Still, there are times when Clinton will often engage with voters who are of a different political view—after they have been screened by her campaign. Last week she visited a brewery in St. Petersburg, Florida owned by registered Republicans—who are undecided this fall. At a roundtable in West Virginia earlier this year, she had a dramatic exchange with a voter who confronted Clinton about her remarks that she would put “a lot of coal miners out of jobs.” In both cases, the campaign knew she was about to meet with Republicans, a Clinton aide said.
And Clinton does often linger at the rope line after her events, shaking hands and taking selfies and conversing with voters, though many of those exchanges are not captured on camera.
Unpredictable moments in the past have shattered the serenity of the campaign even when Clinton is riding high. At the rope line greeting voters in New York in early April, a Greenpeace activist asked Clinton when she was going to stop accepting money from fossil fuel interests. “I am so sick of the Sanders campaign lying about me,” she snapped on a video that went viral.
Clinton’s encounters with the press are often riskier.
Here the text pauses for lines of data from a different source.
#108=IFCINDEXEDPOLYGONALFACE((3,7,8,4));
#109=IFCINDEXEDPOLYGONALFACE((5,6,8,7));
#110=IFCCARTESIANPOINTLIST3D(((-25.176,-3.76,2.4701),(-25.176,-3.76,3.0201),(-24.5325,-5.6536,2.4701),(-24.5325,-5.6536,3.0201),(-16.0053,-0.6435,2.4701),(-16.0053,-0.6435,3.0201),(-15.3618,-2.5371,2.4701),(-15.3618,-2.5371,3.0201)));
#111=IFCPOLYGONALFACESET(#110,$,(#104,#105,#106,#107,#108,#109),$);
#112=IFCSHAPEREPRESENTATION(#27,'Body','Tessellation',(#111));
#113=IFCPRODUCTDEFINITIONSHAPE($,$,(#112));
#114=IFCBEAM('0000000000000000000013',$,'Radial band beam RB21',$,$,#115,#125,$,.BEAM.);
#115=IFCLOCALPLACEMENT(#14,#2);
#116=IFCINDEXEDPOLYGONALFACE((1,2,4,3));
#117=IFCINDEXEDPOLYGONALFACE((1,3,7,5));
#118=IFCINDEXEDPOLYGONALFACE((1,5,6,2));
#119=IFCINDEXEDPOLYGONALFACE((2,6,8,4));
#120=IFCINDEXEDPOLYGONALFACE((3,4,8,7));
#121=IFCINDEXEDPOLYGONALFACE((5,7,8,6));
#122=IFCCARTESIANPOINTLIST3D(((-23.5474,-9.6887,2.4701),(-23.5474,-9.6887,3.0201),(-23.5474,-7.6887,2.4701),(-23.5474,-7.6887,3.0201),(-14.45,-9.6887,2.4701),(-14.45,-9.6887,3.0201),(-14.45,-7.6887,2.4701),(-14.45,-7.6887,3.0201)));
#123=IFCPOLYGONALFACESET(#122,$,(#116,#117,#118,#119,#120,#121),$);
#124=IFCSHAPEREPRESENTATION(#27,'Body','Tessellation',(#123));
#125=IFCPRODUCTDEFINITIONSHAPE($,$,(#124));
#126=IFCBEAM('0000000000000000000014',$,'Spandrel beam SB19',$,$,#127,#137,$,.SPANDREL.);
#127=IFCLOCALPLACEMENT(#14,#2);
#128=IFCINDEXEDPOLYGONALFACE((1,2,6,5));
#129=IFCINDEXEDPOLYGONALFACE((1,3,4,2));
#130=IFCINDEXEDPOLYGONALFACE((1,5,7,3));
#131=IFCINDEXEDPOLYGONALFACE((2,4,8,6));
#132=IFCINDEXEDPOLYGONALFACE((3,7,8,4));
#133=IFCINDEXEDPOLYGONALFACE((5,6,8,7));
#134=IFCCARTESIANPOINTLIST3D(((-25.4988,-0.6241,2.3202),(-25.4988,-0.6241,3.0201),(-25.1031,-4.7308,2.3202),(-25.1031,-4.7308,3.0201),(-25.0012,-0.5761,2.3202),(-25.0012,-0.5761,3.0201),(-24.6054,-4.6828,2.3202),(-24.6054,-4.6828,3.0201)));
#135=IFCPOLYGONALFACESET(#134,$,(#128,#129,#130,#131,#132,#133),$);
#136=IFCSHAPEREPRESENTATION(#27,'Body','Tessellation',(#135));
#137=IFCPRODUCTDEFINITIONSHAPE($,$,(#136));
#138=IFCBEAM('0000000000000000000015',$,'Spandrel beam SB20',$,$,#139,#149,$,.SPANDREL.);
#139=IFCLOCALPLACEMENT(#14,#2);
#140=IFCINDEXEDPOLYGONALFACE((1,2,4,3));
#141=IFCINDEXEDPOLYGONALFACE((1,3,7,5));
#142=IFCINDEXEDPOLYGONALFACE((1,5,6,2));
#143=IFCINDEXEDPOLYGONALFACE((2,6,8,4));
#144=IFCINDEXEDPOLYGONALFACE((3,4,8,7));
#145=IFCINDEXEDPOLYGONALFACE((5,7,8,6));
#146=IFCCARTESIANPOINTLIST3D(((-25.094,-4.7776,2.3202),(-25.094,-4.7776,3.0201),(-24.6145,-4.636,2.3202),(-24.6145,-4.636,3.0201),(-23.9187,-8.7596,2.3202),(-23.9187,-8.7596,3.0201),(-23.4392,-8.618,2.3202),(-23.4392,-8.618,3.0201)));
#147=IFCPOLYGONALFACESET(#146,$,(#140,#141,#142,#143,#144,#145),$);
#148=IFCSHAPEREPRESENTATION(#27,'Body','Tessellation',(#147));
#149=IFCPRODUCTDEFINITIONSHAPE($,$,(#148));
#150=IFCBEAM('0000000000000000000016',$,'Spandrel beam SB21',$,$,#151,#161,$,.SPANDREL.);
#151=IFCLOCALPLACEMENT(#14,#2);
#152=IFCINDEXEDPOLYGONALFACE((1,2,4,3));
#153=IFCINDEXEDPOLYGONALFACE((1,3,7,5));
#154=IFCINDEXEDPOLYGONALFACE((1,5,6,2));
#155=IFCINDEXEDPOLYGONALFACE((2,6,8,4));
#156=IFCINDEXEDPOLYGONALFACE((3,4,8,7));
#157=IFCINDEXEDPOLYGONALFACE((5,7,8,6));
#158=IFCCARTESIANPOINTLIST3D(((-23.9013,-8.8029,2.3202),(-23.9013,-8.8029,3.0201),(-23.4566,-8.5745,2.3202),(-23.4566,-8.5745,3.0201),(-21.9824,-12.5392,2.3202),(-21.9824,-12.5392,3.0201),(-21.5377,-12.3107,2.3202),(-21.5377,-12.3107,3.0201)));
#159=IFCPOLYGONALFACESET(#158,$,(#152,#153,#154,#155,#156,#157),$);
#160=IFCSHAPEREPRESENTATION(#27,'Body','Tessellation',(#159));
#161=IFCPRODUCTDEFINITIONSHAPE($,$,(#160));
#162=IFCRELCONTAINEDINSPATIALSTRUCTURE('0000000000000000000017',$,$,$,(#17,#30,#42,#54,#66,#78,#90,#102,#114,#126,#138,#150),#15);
She was widely panned for saying during an interview with Fox News’ Chris Wallace last month that FBI Director James Comey had validated her public comments, when he had not. When she sought to clarify the remarks later at a meeting with black and Latino journalists, she said she “short-circuited” her answer, and meant to refer to her private interview with the FBI.
Even as she tends to avoids reporters, she has continued to pay homage to their task. “I am delighted to thank you for the important work you do every day, and now more than ever we need you to keep holding leaders and candidates accountable,” Clinton said earlier this month to a gathering of black and Latino journalists. “You help us see ourselves whole.”
She also continues to maintain that she loves the unpredictability of her days. In last week’s “With Her” podcast with her friendly interviewer—who is on the campaign’s payroll—a relaxed-sounding Clinton maintained that she takes something away from all the voters she meets.
“If you open yourself up to it, you can learn something new every day,” she said.